All conclusions about the necessity of data lineage are based on careful investigation of legislation requirements and consequent matching of these requirements to the data management methods and techniques, with data lineage forming part of it.

Business changes

Often, a company deals with different types of business changes, such as changes in information needs and requirements, changes in application landscape, organizational changes etc. As an example, consider a change in a database of a business application. Usually, data is transformed and processed through the chain of applications, as noted in Figure 1:

Figure 1: A chain of applications

Figure 1: A chain of applications

 

For convenience, the chain consists of just a few applications, but in reality, especially in large companies, such chains consist of dozens of applications.

If, for example in “Company web-page” (the starting point of the chain on the left side of the Figure 1) the database of one of the applications is changed, it means that professionals will need to estimate all required changes in the consequent applications, including the impact on the end reports and/or dashboards. In this case, data lineage will be able to ease the impact analysis of the change.

For example, if changes touch information and reporting requirements (the end point of the chain in Figure 1), professionals will need to use root-cause analysis that will allow them to assess which data is required to produce this new information, where data should come from and how it should be transformed. In such a case, a root-cause analysis will be much easier to do if the data lineage is already recorded.

Usually, knowledge about data processing is kept in the minds of professionals or in the best-case scenario, on local computers in the form of Word or Excel documents.

Data Quality

In many organizations, there are there are a variety of initiatives around the quality of data. In large international companies, a major data quality program may require several years for development and implementation, and longer for the user community to judge it successful. Unfortunately, many business stakeholders and IT staff do not understand the essential part that accurate data lineage plays in resolution of data quality issues. For example, data lineage plays the key role in performing root-cause analysis while investigating data quality issues.

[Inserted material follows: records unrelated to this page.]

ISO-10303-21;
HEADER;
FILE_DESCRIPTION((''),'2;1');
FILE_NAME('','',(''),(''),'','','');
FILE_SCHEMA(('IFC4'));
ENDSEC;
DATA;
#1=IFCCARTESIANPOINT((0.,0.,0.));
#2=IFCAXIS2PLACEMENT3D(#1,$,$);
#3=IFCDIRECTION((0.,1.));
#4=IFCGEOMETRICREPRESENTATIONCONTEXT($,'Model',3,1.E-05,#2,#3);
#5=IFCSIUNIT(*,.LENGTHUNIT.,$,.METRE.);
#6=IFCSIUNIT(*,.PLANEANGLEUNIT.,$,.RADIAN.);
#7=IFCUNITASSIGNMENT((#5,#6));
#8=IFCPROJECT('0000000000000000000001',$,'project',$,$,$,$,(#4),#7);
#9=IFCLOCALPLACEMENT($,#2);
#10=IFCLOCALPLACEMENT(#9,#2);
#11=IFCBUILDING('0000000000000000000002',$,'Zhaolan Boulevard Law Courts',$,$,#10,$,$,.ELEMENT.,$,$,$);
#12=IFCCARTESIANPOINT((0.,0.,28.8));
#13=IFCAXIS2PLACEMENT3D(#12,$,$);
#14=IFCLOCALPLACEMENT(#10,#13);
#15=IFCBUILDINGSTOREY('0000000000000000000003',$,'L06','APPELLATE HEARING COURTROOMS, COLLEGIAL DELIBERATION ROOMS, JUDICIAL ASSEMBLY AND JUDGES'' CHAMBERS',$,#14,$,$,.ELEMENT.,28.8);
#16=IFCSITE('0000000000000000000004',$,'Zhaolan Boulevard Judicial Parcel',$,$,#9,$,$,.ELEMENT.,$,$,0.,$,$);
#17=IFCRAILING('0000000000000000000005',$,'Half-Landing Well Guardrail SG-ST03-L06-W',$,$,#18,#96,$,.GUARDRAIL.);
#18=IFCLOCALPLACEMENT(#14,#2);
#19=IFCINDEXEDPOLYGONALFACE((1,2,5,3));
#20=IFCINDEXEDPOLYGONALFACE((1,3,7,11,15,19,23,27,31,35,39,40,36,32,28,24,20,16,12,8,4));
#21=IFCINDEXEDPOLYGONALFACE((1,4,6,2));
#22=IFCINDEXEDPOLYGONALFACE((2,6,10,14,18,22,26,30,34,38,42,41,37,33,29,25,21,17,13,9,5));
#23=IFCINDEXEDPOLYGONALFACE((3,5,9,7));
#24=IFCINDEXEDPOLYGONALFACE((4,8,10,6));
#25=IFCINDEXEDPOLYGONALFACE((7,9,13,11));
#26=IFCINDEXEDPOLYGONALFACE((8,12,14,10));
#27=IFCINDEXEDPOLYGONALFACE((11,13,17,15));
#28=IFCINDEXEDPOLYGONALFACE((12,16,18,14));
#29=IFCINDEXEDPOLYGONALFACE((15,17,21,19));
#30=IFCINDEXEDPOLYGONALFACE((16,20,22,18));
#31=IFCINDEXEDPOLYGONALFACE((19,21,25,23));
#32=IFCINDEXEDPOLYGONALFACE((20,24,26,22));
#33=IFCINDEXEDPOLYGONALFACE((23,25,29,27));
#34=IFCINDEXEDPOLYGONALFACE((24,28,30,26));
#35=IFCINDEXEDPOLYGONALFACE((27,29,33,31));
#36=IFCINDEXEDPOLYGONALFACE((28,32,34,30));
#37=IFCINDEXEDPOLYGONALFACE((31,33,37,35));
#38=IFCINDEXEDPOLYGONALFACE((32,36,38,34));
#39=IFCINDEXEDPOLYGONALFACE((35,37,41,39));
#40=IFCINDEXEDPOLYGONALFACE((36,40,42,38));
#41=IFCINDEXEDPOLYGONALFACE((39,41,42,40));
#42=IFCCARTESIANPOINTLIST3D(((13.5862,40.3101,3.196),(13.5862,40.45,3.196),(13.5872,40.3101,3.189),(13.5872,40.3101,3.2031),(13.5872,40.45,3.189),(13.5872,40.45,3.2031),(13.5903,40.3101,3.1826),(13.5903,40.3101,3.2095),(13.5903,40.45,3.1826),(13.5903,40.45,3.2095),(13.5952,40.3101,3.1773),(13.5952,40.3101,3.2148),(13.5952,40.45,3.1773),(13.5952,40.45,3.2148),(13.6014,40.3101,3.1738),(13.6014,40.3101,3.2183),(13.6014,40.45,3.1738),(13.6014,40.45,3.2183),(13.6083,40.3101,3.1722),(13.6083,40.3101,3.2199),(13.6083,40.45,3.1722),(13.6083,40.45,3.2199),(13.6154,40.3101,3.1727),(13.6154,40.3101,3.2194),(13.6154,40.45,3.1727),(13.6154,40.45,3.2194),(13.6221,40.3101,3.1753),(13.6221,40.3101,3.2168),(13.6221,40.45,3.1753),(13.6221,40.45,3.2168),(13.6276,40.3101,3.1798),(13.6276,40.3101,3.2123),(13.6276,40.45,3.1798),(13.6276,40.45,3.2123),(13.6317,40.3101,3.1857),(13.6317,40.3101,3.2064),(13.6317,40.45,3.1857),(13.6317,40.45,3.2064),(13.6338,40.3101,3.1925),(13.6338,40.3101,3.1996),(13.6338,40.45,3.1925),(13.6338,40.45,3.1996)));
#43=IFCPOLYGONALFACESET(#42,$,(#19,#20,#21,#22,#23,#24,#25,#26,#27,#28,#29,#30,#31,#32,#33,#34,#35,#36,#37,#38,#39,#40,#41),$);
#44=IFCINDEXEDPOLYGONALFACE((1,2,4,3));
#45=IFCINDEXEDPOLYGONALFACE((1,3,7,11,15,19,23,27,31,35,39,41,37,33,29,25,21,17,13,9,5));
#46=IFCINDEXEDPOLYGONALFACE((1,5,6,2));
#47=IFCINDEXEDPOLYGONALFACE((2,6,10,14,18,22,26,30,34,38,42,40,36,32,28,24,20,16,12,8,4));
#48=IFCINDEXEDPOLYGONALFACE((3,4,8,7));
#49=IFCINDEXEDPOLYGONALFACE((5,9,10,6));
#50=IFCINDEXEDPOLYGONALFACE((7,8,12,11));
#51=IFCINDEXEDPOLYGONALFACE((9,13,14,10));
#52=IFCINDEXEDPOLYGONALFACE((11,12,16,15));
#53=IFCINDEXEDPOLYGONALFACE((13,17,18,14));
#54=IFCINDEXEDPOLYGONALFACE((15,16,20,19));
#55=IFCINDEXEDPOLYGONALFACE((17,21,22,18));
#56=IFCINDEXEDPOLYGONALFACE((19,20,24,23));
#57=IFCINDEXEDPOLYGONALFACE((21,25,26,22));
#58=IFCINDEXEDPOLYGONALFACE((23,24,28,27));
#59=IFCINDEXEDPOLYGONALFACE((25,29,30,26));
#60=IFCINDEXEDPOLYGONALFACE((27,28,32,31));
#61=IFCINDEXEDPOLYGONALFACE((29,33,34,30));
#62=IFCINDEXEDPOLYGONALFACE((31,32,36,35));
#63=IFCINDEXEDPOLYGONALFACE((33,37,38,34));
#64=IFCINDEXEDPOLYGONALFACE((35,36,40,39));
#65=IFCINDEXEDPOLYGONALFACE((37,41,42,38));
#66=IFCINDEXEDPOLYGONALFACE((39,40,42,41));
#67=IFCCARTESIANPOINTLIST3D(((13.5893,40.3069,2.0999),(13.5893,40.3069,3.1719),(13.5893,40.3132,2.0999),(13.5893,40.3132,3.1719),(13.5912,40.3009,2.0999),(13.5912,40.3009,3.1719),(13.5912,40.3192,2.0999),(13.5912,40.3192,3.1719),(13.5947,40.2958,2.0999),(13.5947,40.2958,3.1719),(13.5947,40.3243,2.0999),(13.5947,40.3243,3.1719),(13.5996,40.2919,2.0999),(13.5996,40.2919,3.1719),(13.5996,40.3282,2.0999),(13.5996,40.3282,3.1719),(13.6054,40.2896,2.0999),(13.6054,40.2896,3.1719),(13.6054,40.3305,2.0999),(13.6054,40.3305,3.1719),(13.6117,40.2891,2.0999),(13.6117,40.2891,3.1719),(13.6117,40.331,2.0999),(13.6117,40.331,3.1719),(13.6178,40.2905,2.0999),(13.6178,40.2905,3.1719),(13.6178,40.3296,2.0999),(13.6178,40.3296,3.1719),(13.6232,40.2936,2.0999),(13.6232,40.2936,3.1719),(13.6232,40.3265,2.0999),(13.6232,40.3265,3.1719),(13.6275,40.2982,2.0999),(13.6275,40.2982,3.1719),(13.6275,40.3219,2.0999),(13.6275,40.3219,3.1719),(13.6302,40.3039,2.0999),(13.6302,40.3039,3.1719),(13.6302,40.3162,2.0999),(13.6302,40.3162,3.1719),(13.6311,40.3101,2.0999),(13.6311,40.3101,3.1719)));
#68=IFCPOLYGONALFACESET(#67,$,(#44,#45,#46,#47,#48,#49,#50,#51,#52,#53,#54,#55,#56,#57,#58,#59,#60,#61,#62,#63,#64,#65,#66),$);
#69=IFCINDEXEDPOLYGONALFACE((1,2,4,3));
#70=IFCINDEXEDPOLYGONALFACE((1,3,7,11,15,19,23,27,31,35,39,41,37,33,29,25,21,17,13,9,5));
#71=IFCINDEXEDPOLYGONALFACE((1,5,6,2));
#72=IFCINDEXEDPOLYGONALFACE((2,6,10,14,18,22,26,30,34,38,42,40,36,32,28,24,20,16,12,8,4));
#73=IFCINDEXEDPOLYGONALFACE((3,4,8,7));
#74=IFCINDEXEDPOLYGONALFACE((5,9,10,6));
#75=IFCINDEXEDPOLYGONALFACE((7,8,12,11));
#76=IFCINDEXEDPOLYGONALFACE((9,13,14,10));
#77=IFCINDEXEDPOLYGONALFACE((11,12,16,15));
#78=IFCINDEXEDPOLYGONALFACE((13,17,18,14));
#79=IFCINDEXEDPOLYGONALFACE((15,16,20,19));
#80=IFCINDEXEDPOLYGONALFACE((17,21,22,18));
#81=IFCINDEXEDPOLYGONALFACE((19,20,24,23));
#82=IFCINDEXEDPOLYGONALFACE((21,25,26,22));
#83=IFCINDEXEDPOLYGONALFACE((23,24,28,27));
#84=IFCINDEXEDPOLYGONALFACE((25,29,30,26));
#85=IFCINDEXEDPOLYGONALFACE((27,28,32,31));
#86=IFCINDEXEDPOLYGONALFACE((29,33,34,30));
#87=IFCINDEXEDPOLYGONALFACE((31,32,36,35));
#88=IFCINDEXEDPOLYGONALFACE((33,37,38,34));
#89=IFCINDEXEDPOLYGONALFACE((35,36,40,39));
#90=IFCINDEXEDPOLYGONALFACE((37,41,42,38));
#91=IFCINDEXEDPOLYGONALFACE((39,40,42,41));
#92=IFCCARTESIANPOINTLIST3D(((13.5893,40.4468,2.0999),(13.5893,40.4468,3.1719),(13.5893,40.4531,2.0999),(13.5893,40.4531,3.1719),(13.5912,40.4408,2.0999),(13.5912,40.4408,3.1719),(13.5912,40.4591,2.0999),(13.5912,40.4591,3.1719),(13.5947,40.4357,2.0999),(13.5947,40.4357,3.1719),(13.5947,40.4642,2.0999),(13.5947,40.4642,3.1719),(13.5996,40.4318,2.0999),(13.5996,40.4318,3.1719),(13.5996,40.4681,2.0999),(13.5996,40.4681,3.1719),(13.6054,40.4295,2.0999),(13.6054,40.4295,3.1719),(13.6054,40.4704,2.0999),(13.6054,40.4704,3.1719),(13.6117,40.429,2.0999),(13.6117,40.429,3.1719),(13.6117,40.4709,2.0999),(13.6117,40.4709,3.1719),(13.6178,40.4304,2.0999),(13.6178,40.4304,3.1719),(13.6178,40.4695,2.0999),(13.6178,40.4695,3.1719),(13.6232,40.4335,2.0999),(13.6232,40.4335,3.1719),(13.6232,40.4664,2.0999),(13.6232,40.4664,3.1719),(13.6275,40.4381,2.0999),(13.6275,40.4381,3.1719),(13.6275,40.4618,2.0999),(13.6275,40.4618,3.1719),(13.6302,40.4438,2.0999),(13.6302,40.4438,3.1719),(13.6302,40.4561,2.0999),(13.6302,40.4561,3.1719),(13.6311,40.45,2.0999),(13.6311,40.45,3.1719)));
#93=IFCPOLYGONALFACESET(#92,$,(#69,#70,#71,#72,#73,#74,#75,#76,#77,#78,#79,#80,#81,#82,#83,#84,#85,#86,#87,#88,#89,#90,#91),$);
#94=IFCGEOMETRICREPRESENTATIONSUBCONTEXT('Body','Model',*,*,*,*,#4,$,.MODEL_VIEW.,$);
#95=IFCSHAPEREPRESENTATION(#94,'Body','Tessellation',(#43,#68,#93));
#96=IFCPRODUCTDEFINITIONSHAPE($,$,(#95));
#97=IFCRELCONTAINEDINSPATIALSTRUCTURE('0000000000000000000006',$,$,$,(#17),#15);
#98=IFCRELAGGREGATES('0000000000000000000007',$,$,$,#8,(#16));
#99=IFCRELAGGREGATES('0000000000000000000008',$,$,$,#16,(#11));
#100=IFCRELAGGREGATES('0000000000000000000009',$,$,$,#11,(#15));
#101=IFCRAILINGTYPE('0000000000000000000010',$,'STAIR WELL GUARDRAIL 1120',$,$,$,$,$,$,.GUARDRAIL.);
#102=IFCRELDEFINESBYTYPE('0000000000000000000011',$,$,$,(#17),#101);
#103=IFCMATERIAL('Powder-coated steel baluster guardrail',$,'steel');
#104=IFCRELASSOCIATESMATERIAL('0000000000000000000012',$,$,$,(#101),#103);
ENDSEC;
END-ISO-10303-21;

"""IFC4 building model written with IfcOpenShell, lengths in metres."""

from ifc_helpers import new_model, si_unit, direction, frame, origin, origin_2d, place, context, subcontext, project, spatial, circle, extrude, material, type_object, element, save


model = new_model("IFC4")

# Units and contexts
model_context = context("Model", 3, precision=1e-05, world=origin(), true_north=direction((0.0, 1.0)))
body_context = subcontext(model_context, "Body", "Model", "MODEL_VIEW")
ifc_project = project(units=[si_unit("LENGTHUNIT", "METRE"), si_unit("PLANEANGLEUNIT", "RADIAN")], contexts=[model_context])

# Site, building, storey
site_placement = place(None, origin())
site = spatial("IfcSite", under=ifc_project, at=site_placement, Name="Zhaolan Boulevard Judicial Parcel", CompositionType="ELEMENT", RefElevation=0.0)
building_placement = place(site_placement, origin())
building = spatial("IfcBuilding", under=site, at=building_placement, Name="Zhaolan Boulevard Law Courts", CompositionType="ELEMENT")
storey_placement = place(building_placement, frame((0.0, 0.0, 28.8)))
storey = spatial("IfcBuildingStorey", under=building, at=storey_placement, Name="L06", Description="APPELLATE HEARING COURTROOMS, COLLEGIAL DELIBERATION ROOMS, JUDICIAL ASSEMBLY AND JUDGES' CHAMBERS", CompositionType="ELEMENT", Elevation=28.8)

# Railing
ifc_material_1 = material(Name="Powder-coated steel baluster guardrail", Category="steel")
railing_type_1 = type_object("IfcRailingType", Name="STAIR WELL GUARDRAIL 1120", PredefinedType="GUARDRAIL", material=ifc_material_1)
railing_1_placement = place(storey_placement, frame((13.6101, 40.3101, 2.0999)))
element("IfcRailing", 1, at=railing_1_placement, inside=storey, type_object=railing_type_1, Name="Half-Landing Well Guardrail SG-ST03-L06-W", PredefinedType="GUARDRAIL", context=body_context, shape_type="SweptSolid", body=[
    extrude(circle(Radius=0.0239, at=origin_2d()), frame((0.0, 0.0, 1.0962), z_axis=(0.0, 1.0, 0.0), x_axis=(-1.0, 0.0, 0.0)), (0.0, 0.0, 1.0), 0.1399),
    extrude(circle(Radius=0.021, at=origin_2d()), origin(), (0.0, 0.0, 1.0), 1.072),
    extrude(circle(Radius=0.021, at=origin_2d()), frame((0.0, 0.1399, 0.0)), (0.0, 0.0, 1.0), 1.072),
])

save(model, "model.ifc")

Supervisor and audit requirements

Supervisors and audit requirements affect the use of data lineage in every organization. There is a growing tendency that in addition to aggregated reports, supervisors require companies to provide granular reporting data for support of the reported results. Also, especially finance and risk functions often develop requirements that explain how critical metrics and figures in their reports have been derived. For that, professionals must be able to trace back the full chain of data transformations and explain each transformation’s path. This need requires knowledge of end-to-end data linage.

Conclusion

  1. There is no agreed list of components that constitute data lineage.
  2. These are the essential components of data lineage:
  • IT systems (applications, databases, network segments)
  • Data elements
  • Business processes, including different functional roles (data- and non-data related)
  • Data controls.
Figure 2: Key components of Data Lineage

Figure 2: Key components of Data Lineage

 

There are several key points concerning data lineage:

  • Data lineage is a representation of the path along which data flows from the point of its origin to the point of its usage.
  • Data lineage is used to design and describe processes of data transformation and processing.
  • Data lineage is recorded by representing a set of linked components such as data (elements), business processes, IT systems and applications, data controls. These components could be presented on different level of abstraction and detail. Usually, such a lineage is called a ‘horizontal’ data lineage.